【インタビュー】ちゃんみな、ニュー
AL『Never Grow Up』に込めた20歳の
生き様「私、人生のマスターになりた
くて(笑)」

「さて、音楽でも聴こうかな」「いつものように音楽を…」とサブスクアプリを立ち上げる。何を聴くかはその時の風向き次第。数あるものからどれをどれだけ堪能するか…そう、それはちょうどバイキング料理のようなもので、和洋折衷は当たり前、音楽的傾向も時代背景も完全にボーダレスとなった。

そもそもプレイリスト自体がそうだ。適当に選ぶときも自らリストを作るときも、もはや音楽ジャンルを意識することもなければ捕らわれることもない。むしろ左右するのはその時のムードであり、「アガりたい」のか「しっぽり」したいのか、あるいは思いっきり「堕ちていきたい」のか、その時の気分が音楽セレクトの鍵となる。音楽を所有せず利用するものとなったいま、ジャンルという壁はもろくも崩壊した。どうやら音楽をカテゴリーにはめていたのは、所有時代にパッケージを販売するための単なる仕分け方法に他ならなかったとみえる。
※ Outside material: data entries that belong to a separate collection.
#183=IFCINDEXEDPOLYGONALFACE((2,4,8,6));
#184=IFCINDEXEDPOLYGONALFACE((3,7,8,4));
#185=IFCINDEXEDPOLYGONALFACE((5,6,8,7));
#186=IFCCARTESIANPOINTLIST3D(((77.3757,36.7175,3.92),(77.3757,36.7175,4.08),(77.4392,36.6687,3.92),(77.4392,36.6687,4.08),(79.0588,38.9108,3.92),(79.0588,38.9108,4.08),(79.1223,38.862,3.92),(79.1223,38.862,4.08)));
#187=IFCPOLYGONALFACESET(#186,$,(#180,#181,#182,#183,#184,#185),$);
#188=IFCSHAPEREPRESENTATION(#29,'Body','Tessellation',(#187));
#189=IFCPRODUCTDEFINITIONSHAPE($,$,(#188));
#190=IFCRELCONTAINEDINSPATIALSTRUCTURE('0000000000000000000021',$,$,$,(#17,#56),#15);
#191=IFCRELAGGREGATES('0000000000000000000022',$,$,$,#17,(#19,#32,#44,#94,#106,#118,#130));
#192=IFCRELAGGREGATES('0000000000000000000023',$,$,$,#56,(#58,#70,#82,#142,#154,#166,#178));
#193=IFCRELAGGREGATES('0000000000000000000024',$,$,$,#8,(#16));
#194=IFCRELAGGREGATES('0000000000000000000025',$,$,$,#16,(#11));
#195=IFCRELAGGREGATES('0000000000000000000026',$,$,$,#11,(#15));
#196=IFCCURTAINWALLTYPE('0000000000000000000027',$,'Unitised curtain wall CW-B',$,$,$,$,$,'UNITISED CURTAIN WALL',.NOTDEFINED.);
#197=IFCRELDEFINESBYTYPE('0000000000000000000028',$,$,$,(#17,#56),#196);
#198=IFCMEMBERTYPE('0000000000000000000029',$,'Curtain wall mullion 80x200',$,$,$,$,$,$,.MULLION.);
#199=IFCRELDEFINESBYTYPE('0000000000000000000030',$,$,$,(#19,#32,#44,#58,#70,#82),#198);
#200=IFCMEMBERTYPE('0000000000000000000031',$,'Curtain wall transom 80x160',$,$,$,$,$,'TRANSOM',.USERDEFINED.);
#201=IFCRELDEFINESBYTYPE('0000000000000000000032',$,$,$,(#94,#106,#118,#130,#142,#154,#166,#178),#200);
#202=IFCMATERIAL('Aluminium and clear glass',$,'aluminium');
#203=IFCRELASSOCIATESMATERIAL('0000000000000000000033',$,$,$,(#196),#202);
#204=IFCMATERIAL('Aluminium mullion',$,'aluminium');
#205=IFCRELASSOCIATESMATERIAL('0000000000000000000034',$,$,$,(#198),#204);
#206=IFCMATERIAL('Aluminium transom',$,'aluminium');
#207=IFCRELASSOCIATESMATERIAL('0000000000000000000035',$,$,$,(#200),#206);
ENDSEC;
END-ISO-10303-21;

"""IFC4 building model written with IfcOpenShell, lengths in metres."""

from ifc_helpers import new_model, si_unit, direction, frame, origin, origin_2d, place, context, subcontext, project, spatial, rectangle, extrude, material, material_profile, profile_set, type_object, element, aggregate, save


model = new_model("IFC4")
そしてその価値観は、当然ながら音楽を制作するアーティストのクリエイティビティに直結している。サブスク・ネイティブなアーティストにとって、楽曲はカテゴライズされていない。かつてジャンルと呼ばれていた様々な音楽のエッセンスは、折り重なる心模様の色彩のひとつとなって、音楽というひとつの瞬間芸術に仕立て上げられていく。パレットの上で様々な音楽要素が踊り、塗り重なり、自らの気分やモードが楽曲へと変換されてミュージシャンとしてのアイデンティティが確立される。

何の障壁もない開放された音楽表現で、自らの生き様/プライベートを作品に仕立て上げてしまうという自然体なソングライターが今、時代牽引を担っている。ビリー・アイリッシュしかり、そしてちゃんみなもそんなアーティストの筆頭である。
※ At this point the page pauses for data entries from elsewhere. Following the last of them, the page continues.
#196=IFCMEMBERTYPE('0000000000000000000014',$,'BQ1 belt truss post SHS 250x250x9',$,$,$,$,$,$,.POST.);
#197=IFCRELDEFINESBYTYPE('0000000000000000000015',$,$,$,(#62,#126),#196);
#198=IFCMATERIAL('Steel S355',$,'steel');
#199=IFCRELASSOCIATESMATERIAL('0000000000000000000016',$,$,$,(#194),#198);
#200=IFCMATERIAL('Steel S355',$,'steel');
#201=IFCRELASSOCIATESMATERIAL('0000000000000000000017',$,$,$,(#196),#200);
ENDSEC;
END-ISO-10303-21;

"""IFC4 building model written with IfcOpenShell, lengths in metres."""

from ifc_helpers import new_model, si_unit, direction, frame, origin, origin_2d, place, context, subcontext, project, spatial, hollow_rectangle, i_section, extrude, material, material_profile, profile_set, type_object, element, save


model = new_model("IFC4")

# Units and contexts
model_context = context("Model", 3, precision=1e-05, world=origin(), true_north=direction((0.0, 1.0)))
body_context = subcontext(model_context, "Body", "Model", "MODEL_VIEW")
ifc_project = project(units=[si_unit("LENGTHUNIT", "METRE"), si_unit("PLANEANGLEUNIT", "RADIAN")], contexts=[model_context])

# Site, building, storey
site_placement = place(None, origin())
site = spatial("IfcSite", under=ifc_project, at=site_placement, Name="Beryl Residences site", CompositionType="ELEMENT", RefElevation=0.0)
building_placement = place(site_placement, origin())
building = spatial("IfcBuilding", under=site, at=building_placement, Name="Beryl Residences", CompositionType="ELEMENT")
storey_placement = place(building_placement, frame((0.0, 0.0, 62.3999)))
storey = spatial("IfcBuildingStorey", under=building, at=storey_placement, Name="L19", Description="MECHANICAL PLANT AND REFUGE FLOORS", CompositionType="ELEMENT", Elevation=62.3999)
時代と場所を超えて世界中の音楽が一瞬で集まるストリーミング時代において、彼女たちが生み出す楽曲は、どんなカテゴリーにもはまらない。ちゃんみなの音楽は、そのまま“ちゃんみな”なのである。

  ◆  ◆  ◆

■ 引かれたら引かれたでいいや、って

──自分にとって、アルバム『Never Grow Up』の手応えはいかがですか?

ちゃんみな:“すごく愛に溢れた作品”になったんじゃないかなって思います。

──愛というのは、自分にまつわる人々への思いですか?

ちゃんみな:このアルバムは、作ってきたたくさんの曲の中から選ばれた楽曲でできているんですけど、そこの共通点が「大事な人」だったり「大事な感情」「大事な仲間」「大事な嫌いな人」だったりとか、20歳になってから大事だなって思える人が見えてきて、その人たちだけに向けて書いた曲を詰め込んだアルバムになっているんです。自分が書いたものですけど、「自分が共感する」っていうか、未だにこの内容を聴いて「惹かれる」っていうか。
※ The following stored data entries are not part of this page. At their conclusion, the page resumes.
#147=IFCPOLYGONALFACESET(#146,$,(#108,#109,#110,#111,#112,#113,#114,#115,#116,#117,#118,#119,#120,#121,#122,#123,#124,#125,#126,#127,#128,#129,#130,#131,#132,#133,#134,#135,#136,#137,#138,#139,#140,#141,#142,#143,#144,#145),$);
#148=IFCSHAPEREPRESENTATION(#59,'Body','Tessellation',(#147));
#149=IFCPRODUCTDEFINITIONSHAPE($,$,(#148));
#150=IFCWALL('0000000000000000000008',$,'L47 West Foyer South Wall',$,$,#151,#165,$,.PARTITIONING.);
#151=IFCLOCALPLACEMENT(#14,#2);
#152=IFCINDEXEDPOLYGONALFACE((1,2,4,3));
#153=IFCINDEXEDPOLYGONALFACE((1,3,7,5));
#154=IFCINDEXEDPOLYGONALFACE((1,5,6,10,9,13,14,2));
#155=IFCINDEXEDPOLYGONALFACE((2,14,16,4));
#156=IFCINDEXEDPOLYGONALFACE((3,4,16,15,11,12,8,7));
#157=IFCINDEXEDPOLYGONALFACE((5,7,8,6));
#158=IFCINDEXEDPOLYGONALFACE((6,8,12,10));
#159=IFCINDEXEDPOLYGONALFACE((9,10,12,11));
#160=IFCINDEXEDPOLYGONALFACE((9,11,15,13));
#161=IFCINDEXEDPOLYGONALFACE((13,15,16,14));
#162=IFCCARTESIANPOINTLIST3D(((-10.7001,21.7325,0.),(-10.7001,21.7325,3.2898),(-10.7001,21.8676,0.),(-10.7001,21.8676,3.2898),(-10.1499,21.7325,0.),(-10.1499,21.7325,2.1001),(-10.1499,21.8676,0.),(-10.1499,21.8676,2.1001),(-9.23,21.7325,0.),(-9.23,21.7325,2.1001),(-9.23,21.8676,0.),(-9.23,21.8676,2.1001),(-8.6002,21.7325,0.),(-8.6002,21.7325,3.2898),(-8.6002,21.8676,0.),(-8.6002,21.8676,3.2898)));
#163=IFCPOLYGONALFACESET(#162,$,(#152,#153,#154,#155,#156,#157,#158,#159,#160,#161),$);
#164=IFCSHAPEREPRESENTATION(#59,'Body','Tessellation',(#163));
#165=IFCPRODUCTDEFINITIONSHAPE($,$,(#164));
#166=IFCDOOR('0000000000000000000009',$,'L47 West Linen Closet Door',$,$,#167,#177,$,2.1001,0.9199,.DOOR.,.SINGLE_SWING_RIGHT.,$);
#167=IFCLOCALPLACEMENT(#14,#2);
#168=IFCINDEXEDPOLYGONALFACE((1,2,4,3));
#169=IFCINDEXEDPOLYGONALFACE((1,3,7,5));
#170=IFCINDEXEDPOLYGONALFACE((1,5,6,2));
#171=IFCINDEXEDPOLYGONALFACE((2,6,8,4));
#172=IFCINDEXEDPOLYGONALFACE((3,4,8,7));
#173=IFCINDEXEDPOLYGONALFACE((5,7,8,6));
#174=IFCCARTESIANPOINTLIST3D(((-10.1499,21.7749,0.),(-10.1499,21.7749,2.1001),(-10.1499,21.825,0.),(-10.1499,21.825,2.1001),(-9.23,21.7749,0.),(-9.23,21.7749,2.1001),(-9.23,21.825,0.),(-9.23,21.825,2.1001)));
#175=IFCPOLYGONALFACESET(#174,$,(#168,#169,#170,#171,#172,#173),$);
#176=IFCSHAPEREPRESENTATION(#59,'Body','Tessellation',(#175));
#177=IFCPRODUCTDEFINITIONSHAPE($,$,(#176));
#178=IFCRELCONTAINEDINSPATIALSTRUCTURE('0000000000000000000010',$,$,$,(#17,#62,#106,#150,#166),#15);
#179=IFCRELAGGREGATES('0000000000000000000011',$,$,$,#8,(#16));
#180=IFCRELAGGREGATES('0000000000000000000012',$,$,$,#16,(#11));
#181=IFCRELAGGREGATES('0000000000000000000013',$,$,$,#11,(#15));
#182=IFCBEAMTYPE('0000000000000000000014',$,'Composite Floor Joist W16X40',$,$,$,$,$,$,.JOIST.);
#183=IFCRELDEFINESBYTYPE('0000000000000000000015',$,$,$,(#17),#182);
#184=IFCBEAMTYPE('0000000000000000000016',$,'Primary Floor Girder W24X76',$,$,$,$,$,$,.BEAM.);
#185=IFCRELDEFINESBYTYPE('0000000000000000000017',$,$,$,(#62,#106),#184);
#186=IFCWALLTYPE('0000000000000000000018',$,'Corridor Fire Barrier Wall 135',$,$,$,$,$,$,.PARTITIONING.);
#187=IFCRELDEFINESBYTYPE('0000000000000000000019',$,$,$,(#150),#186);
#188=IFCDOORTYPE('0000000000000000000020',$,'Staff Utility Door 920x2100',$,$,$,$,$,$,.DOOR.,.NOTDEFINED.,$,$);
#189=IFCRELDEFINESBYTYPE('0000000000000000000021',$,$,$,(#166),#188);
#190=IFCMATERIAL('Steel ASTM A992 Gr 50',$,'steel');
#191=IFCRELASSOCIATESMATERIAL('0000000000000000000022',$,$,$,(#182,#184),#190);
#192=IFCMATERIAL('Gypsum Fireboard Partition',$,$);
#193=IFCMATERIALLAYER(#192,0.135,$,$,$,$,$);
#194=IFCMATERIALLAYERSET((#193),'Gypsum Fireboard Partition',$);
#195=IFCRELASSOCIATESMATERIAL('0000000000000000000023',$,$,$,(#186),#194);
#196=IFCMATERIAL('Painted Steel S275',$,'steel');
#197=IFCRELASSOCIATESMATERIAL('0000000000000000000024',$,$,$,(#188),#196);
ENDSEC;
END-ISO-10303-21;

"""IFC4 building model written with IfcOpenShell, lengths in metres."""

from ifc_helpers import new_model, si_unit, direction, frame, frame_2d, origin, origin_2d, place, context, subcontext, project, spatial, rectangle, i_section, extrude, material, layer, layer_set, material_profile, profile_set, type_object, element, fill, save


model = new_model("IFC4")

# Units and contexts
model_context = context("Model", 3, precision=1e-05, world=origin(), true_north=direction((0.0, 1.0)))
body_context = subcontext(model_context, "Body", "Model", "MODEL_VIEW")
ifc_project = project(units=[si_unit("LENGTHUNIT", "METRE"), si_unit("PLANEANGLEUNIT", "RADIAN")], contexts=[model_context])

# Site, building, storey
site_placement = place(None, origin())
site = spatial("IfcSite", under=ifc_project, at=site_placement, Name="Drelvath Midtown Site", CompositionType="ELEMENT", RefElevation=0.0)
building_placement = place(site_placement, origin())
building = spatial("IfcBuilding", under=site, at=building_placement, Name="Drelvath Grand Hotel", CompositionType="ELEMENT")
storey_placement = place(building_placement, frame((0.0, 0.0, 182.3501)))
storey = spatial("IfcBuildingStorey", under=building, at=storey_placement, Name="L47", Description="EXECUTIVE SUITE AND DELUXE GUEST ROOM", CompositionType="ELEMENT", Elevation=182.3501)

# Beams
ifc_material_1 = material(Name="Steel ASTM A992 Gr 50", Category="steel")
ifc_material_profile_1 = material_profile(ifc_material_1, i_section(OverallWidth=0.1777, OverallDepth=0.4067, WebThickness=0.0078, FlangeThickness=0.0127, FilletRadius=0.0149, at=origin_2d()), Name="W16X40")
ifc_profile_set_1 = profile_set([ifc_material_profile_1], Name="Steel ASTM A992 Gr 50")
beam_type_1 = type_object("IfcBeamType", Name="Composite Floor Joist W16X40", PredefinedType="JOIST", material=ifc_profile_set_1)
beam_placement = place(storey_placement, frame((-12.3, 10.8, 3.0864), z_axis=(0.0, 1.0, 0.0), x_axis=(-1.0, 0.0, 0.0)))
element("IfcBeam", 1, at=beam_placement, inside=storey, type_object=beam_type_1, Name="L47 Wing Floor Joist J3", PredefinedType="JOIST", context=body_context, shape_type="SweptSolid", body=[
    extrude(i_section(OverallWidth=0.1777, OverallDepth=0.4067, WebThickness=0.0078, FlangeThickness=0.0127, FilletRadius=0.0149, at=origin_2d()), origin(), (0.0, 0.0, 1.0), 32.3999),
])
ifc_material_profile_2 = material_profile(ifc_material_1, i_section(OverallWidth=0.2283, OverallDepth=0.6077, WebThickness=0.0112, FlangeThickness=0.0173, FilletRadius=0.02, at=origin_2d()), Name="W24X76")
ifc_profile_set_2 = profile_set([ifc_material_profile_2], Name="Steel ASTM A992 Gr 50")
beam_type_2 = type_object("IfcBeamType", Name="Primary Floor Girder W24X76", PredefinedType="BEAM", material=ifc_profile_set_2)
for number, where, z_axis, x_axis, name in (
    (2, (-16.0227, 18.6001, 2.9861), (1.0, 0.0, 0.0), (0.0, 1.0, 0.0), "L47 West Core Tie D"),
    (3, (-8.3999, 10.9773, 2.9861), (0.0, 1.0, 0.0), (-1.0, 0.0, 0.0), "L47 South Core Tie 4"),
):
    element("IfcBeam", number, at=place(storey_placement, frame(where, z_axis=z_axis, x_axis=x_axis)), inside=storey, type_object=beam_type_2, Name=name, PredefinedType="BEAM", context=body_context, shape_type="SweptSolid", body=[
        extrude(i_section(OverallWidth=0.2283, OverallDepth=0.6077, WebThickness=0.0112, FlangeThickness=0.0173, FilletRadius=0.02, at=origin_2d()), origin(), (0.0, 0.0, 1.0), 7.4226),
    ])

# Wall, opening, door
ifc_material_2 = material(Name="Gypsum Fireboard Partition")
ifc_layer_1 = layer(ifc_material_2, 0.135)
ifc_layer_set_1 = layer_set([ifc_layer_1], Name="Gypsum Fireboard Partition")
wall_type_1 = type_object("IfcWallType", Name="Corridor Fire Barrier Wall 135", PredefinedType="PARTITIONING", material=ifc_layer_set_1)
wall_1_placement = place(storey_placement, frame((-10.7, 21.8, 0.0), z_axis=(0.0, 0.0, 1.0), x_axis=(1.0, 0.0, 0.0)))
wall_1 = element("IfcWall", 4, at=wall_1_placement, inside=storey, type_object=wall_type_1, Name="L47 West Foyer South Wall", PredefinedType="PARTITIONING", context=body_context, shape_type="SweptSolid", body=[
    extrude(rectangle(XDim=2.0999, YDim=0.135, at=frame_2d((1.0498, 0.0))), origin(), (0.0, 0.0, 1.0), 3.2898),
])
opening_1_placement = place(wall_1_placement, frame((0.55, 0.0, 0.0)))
──自分のことにもかかわらず、第三者的に共感/同調できる感覚?

ちゃんみな:はい。久しぶりにこんなにいろんな感情を詰め込んだ作品を出すので、すっきりしました。デトックスみたいな感じです、たぶん。

▲『Never Grow Up』初回限定盤

──自分の感情を吐き出すことに、痛みは感じませんか? 色んな思いがすごく出てますよね?

ちゃんみな:いろいろ出てますね、あはは(笑)。

──ちゃんみなの歌はすべて実体験が元ですが、ここまで赤裸々に出さなくちゃいけないんですかね?

ちゃんみな:そこまでしなきゃ気が済まないんですよね、たぶん。

──歌われている人がその曲を聴くと思うと、気持ちがザワザワします。

ちゃんみな:そうですね。でも「これが私の生き方だし」と思って、引かれたら引かれたでいいやって思ってます。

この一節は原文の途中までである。